Instead, P-LHCII was labelled with a microsphere attached to a commercial anti-phosphothreonine (Finzi et al, 2001). Indeed, LHCII becomes phosphorylated on single threonines in the N termini of the LHCB1 and LHCB2 subunits. Western blot analysis confirmed that, under our experimental conditions, only LHCII became phosphorylated and not other minor antenna complexes (supplementary Fig S2 online).

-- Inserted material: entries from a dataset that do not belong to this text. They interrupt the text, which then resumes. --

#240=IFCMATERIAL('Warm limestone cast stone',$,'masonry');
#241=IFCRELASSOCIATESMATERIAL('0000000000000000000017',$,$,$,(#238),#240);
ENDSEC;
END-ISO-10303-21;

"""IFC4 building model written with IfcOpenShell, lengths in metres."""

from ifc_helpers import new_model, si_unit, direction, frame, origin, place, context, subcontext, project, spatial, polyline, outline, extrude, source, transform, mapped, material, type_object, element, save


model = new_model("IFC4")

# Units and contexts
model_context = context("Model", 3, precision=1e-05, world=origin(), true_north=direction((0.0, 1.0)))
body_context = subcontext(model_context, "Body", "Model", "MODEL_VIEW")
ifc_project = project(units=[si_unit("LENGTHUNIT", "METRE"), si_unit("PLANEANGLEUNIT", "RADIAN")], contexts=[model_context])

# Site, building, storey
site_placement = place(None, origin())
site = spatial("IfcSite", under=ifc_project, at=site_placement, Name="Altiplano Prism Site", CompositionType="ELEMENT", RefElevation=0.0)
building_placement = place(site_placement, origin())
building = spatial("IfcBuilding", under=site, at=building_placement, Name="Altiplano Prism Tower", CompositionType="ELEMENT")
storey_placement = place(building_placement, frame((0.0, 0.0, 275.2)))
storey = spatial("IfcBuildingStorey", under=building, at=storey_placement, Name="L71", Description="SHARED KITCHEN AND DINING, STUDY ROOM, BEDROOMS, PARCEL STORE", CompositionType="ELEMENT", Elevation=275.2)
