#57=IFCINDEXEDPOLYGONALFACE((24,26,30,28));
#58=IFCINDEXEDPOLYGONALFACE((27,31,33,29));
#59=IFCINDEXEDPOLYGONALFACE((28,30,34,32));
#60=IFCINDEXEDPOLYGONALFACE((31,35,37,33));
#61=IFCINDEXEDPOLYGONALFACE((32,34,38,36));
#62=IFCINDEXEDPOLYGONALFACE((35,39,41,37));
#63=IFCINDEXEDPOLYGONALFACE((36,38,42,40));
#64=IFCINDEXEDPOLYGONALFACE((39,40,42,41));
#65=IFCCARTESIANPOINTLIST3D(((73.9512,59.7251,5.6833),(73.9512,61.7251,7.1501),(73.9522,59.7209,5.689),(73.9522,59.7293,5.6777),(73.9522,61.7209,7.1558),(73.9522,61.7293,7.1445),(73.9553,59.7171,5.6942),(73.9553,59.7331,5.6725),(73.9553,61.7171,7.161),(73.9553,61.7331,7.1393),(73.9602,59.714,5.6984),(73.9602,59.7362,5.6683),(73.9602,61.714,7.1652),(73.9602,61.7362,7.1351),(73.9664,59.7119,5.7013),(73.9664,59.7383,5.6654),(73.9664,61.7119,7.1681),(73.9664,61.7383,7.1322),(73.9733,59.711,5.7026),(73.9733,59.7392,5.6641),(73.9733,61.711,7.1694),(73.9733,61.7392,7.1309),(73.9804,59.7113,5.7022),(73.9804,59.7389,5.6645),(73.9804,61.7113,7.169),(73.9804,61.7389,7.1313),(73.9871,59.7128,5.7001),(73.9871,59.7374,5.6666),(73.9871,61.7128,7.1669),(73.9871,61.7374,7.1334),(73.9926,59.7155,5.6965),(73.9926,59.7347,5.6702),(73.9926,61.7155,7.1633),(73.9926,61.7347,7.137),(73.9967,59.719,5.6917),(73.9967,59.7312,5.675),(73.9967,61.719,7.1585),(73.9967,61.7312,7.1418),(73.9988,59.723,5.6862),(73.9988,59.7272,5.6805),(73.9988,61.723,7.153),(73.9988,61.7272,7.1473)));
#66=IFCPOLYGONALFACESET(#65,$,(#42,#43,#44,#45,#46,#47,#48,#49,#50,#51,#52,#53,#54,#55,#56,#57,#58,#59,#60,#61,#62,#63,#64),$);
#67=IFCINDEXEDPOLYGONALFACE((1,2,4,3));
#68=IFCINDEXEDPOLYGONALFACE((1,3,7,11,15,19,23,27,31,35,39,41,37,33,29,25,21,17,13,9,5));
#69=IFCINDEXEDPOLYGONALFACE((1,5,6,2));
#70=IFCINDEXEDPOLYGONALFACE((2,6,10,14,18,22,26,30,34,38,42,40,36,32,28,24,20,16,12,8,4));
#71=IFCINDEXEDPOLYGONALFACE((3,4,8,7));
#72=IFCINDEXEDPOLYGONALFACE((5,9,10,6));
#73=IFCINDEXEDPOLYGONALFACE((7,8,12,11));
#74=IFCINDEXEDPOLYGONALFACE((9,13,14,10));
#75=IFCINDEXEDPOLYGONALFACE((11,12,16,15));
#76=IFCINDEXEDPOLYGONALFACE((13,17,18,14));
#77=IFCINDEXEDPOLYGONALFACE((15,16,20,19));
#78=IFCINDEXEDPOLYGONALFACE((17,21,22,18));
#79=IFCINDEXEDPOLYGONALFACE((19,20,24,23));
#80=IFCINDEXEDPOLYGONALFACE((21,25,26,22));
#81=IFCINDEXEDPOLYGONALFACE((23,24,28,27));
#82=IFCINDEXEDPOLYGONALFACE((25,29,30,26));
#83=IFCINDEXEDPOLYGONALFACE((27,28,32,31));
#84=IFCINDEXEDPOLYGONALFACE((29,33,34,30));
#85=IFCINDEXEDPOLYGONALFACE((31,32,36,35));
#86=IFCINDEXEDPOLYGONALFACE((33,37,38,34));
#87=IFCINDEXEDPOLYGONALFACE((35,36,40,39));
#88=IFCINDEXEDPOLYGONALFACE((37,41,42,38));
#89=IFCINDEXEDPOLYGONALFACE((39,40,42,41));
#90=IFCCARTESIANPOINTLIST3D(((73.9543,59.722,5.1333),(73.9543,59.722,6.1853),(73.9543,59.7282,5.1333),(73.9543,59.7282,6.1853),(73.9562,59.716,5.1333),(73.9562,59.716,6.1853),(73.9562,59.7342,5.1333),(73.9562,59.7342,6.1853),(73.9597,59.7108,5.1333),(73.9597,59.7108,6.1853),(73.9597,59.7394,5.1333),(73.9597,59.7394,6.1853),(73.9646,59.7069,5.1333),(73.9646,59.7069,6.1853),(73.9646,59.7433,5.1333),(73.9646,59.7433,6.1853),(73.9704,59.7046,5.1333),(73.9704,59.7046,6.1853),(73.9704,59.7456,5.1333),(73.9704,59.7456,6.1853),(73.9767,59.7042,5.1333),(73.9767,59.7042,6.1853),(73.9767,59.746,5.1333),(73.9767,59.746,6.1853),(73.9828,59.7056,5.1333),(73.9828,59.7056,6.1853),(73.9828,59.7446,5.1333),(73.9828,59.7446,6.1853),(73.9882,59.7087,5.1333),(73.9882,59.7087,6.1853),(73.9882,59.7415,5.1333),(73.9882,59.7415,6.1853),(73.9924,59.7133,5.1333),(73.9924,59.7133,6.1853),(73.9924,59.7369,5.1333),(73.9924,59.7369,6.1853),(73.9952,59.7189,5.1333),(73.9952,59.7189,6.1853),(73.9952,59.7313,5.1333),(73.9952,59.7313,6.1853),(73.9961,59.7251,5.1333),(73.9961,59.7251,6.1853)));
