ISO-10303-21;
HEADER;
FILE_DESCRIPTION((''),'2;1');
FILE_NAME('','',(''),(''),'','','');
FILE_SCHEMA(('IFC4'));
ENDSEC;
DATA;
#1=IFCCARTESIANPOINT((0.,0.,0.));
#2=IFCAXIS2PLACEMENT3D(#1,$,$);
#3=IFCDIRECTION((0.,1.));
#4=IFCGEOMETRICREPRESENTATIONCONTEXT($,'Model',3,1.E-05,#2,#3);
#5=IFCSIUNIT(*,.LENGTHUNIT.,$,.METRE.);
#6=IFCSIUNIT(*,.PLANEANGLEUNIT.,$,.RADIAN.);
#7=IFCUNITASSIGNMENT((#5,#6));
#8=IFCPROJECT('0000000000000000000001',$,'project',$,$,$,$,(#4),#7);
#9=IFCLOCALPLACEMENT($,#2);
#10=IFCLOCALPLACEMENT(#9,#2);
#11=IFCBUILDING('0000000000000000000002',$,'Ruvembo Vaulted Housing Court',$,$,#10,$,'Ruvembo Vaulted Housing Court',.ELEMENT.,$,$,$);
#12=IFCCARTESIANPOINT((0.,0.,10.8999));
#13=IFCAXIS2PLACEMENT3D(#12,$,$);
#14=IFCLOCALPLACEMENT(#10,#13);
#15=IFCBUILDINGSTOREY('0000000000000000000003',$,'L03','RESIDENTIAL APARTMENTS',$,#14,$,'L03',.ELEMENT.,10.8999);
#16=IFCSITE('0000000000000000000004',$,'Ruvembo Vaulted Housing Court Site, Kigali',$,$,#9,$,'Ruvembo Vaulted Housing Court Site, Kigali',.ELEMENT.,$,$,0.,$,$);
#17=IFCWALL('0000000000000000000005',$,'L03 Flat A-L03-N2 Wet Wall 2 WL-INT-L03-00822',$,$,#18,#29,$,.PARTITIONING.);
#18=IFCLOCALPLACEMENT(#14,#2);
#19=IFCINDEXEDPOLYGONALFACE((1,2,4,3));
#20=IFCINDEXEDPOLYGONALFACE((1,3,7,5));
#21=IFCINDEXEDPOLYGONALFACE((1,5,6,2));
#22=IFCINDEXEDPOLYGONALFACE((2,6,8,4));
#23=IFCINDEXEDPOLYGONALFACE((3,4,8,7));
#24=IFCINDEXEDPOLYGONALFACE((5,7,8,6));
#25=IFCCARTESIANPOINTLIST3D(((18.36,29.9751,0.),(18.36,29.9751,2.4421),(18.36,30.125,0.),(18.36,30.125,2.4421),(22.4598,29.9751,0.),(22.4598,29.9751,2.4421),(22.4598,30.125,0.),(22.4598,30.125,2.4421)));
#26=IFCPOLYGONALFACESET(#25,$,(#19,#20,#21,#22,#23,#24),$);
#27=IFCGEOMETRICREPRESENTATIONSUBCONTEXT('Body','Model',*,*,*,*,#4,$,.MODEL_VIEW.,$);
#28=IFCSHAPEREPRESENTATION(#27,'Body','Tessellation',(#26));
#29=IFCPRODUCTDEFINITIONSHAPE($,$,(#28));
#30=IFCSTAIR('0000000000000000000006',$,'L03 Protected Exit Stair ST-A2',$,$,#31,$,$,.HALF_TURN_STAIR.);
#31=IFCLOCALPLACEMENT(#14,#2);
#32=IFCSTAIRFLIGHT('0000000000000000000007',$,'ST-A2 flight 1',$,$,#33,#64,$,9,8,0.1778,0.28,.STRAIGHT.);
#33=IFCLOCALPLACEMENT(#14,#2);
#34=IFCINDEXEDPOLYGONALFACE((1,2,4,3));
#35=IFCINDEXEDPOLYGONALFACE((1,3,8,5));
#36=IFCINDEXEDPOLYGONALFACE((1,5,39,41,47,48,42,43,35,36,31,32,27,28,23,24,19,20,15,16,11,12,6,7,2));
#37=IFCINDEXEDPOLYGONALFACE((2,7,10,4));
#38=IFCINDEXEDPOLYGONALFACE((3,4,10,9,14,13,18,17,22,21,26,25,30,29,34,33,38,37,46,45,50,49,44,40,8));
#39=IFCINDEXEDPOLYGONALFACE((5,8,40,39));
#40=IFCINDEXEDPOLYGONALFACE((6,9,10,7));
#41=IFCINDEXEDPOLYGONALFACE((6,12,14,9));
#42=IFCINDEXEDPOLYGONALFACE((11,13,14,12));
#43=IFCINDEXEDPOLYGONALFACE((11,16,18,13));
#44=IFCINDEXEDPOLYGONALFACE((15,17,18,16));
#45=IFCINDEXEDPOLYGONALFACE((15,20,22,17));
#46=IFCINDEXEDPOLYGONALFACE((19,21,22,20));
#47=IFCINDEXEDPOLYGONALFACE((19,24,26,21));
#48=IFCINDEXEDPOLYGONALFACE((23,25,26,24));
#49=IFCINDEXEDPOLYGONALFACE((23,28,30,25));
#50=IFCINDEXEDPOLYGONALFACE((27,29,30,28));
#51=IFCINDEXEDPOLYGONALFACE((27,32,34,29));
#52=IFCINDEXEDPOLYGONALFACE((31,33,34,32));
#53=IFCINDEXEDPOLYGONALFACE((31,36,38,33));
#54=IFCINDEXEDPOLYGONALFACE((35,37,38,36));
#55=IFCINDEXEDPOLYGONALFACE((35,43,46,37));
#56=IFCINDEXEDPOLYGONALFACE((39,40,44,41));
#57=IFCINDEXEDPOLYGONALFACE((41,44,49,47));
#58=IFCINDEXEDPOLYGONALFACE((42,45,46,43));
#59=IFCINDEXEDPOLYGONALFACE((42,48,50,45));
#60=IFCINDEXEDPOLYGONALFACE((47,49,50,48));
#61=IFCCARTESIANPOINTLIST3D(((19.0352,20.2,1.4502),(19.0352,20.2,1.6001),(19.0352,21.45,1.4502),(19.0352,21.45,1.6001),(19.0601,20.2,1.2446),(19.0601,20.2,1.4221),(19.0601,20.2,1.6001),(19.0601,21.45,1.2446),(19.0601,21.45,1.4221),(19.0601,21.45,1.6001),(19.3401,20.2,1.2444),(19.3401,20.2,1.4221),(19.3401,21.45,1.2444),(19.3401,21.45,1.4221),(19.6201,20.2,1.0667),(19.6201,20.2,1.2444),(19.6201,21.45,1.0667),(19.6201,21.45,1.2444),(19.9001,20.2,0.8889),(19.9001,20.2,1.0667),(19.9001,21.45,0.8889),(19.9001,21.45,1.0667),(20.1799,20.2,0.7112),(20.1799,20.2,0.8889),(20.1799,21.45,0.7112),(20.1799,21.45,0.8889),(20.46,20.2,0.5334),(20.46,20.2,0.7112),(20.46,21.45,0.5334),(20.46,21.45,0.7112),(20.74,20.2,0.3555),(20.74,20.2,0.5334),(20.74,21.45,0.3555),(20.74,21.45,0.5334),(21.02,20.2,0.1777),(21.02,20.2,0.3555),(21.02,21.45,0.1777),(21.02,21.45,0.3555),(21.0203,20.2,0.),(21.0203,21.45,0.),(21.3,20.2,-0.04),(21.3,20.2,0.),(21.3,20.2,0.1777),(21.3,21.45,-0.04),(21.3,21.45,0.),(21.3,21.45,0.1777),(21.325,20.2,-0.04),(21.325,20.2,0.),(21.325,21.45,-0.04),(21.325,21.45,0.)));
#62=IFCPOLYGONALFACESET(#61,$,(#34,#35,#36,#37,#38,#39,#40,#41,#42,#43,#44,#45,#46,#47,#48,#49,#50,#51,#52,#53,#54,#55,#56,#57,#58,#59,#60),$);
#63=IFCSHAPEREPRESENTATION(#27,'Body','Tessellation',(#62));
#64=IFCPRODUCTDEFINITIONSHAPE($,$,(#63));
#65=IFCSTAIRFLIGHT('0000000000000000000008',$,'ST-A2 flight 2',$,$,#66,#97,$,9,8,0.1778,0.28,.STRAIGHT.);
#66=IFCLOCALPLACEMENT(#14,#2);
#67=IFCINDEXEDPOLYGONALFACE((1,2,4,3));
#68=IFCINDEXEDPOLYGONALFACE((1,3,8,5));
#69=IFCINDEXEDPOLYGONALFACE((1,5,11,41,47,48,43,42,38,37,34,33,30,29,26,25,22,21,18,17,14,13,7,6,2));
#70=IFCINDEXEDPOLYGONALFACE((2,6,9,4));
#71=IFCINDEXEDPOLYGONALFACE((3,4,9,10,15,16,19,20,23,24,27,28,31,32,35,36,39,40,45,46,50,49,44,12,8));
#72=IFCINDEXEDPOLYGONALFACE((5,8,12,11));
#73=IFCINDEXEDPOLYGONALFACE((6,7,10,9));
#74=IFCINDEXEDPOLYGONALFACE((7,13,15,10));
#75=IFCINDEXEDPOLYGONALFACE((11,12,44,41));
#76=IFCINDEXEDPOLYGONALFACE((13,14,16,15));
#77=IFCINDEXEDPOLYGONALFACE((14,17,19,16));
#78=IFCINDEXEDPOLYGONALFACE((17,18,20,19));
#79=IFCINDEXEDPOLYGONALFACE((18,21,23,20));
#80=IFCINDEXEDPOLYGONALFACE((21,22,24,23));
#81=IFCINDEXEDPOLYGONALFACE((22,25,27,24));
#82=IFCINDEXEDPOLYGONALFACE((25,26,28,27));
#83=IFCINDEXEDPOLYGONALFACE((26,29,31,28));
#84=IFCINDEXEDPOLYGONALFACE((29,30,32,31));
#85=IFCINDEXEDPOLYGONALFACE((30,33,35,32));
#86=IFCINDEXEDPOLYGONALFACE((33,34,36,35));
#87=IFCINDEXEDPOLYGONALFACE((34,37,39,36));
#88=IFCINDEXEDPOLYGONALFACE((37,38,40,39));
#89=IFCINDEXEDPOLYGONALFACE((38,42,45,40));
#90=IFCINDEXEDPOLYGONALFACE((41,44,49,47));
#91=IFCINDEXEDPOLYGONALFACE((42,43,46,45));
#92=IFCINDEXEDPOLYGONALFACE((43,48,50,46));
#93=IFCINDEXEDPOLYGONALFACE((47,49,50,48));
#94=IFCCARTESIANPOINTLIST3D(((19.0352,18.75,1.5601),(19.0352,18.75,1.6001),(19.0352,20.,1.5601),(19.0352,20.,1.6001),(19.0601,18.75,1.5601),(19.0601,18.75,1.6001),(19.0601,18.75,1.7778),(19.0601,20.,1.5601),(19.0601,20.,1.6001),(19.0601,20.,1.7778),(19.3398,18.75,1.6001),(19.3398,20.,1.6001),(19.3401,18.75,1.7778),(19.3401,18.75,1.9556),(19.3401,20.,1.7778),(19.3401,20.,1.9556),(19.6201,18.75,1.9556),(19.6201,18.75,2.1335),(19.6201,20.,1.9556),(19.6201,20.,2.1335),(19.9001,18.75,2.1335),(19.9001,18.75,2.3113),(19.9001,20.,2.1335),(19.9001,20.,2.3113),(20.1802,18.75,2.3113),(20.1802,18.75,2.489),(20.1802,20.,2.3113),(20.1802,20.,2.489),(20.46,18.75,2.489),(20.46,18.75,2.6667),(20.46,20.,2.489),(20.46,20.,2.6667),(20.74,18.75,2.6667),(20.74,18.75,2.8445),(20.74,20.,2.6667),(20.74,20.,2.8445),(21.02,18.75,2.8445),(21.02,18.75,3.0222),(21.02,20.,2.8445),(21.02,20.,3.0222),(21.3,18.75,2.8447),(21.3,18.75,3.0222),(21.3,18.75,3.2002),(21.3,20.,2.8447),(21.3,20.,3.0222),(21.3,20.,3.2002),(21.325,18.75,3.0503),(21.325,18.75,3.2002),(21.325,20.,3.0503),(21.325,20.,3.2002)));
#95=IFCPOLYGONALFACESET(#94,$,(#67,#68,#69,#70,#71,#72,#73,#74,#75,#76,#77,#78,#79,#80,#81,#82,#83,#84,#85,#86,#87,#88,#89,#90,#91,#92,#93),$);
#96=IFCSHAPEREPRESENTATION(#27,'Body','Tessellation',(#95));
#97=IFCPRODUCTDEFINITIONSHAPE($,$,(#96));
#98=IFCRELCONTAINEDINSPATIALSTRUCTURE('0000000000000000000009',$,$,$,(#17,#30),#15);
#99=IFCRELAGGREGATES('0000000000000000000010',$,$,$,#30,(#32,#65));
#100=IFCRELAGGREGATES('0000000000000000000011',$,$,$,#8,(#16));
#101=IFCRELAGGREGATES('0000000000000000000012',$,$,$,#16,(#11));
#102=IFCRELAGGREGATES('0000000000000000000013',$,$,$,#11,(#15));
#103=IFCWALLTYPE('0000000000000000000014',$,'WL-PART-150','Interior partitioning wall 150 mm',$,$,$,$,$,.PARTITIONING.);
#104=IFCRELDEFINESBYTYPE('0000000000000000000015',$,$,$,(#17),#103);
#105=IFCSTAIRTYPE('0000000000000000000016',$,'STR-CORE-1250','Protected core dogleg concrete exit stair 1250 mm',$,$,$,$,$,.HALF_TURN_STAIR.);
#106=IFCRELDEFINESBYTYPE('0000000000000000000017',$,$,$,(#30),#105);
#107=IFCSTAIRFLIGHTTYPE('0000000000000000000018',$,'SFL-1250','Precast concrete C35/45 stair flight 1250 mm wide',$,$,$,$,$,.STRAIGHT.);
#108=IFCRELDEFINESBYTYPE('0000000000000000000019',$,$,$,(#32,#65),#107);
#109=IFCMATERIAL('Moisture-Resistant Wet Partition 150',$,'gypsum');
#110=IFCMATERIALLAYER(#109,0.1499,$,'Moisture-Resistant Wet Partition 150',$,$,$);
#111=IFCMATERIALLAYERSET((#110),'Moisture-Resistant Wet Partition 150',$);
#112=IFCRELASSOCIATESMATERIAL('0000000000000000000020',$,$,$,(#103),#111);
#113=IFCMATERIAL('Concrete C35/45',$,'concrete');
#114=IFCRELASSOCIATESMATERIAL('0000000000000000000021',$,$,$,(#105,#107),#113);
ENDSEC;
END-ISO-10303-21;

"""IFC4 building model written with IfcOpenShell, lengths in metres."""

from ifc_helpers import new_model, si_unit, direction, frame, frame_2d, origin, place, context, subcontext, project, spatial, polyline, rectangle, outline, extrude, material, layer, layer_set, type_object, element, aggregate, save


model = new_model("IFC4")

# Units and contexts
model_context = context("Model", 3, precision=1e-05, world=origin(), true_north=direction((0.0, 1.0)))
body_context = subcontext(model_context, "Body", "Model", "MODEL_VIEW")
ifc_project = project(units=[si_unit("LENGTHUNIT", "METRE"), si_unit("PLANEANGLEUNIT", "RADIAN")], contexts=[model_context])

# Site, building, storey
site_placement = place(None, origin())
site = spatial("IfcSite", under=ifc_project, at=site_placement, Name="Ruvembo Vaulted Housing Court Site, Kigali", LongName="Ruvembo Vaulted Housing Court Site, Kigali", CompositionType="ELEMENT", RefElevation=0.0)
building_placement = place(site_placement, origin())
building = spatial("IfcBuilding", under=site, at=building_placement, Name="Ruvembo Vaulted Housing Court", LongName="Ruvembo Vaulted Housing Court", CompositionType="ELEMENT")
storey_placement = place(building_placement, frame((0.0, 0.0, 10.8999)))
storey = spatial("IfcBuildingStorey", under=building, at=storey_placement, Name="L03", Description="RESIDENTIAL APARTMENTS", LongName="L03", CompositionType="ELEMENT", Elevation=10.8999)

# Shared definitions
ifc_material_1 = material(Name="Concrete C35/45", Category="concrete")

# Wall
ifc_material_2 = material(Name="Moisture-Resistant Wet Partition 150", Category="gypsum")
ifc_layer_1 = layer(ifc_material_2, 0.1499, Name="Moisture-Resistant Wet Partition 150")
ifc_layer_set_1 = layer_set([ifc_layer_1], Name="Moisture-Resistant Wet Partition 150")
wall_type_1 = type_object("IfcWallType", Name="WL-PART-150", Description="Interior partitioning wall 150 mm", PredefinedType="PARTITIONING", material=ifc_layer_set_1)
wall_1_placement = place(storey_placement, frame((18.3601, 30.05, 0.0), z_axis=(0.0, 0.0, 1.0), x_axis=(1.0, 0.0, 0.0)))
element("IfcWall", 1, at=wall_1_placement, inside=storey, type_object=wall_type_1, Name="L03 Flat A-L03-N2 Wet Wall 2 WL-INT-L03-00822", PredefinedType="PARTITIONING", context=body_context, shape_type="SweptSolid", body=[
    extrude(rectangle(XDim=4.0999, YDim=0.1499, at=frame_2d((2.0498, 0.0))), origin(), (0.0, 0.0, 1.0), 2.4421),
])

The motion of LHCII-bound microspheres was analysed in video recordings (supplementary movie online) and the amplitude of motion (σ; see Methods) was plotted as a function of time. For LHCII (Fig 2A) and P-LHCII (Fig 2B), the amplitudes of motion were constant over time. Each point in the traces represents the accumulation of 4 s of data, which was sufficient for labelled LHCII to explore the whole area available to it. Indeed, plotting the square of the amplitude of motion (σ²; see Methods) as a function of different accumulation times produced a curve that rose linearly, but quickly reached a plateau (R²; see Methods). LHCII motion only seemed Brownian for times too short to explore the boundaries of corrals (Fig 2C,D)—quantified as the height (R²) of the plateau—which were determined by fitting a function representing confined diffusion. Note that the sizes of the corrals (R) were smaller than that of a granum (≃500 nm).

Figure 2.

Analysis of the light-harvesting complex II (LHCII) motion. Amplitudes of motion of LHCII (A) and P-LHCII (B) versus time. Squared amplitude of motion versus data accumulation time (Δt), for LHCII (C) and P-LHCII (D); the error bars represent the standard deviation of the mean.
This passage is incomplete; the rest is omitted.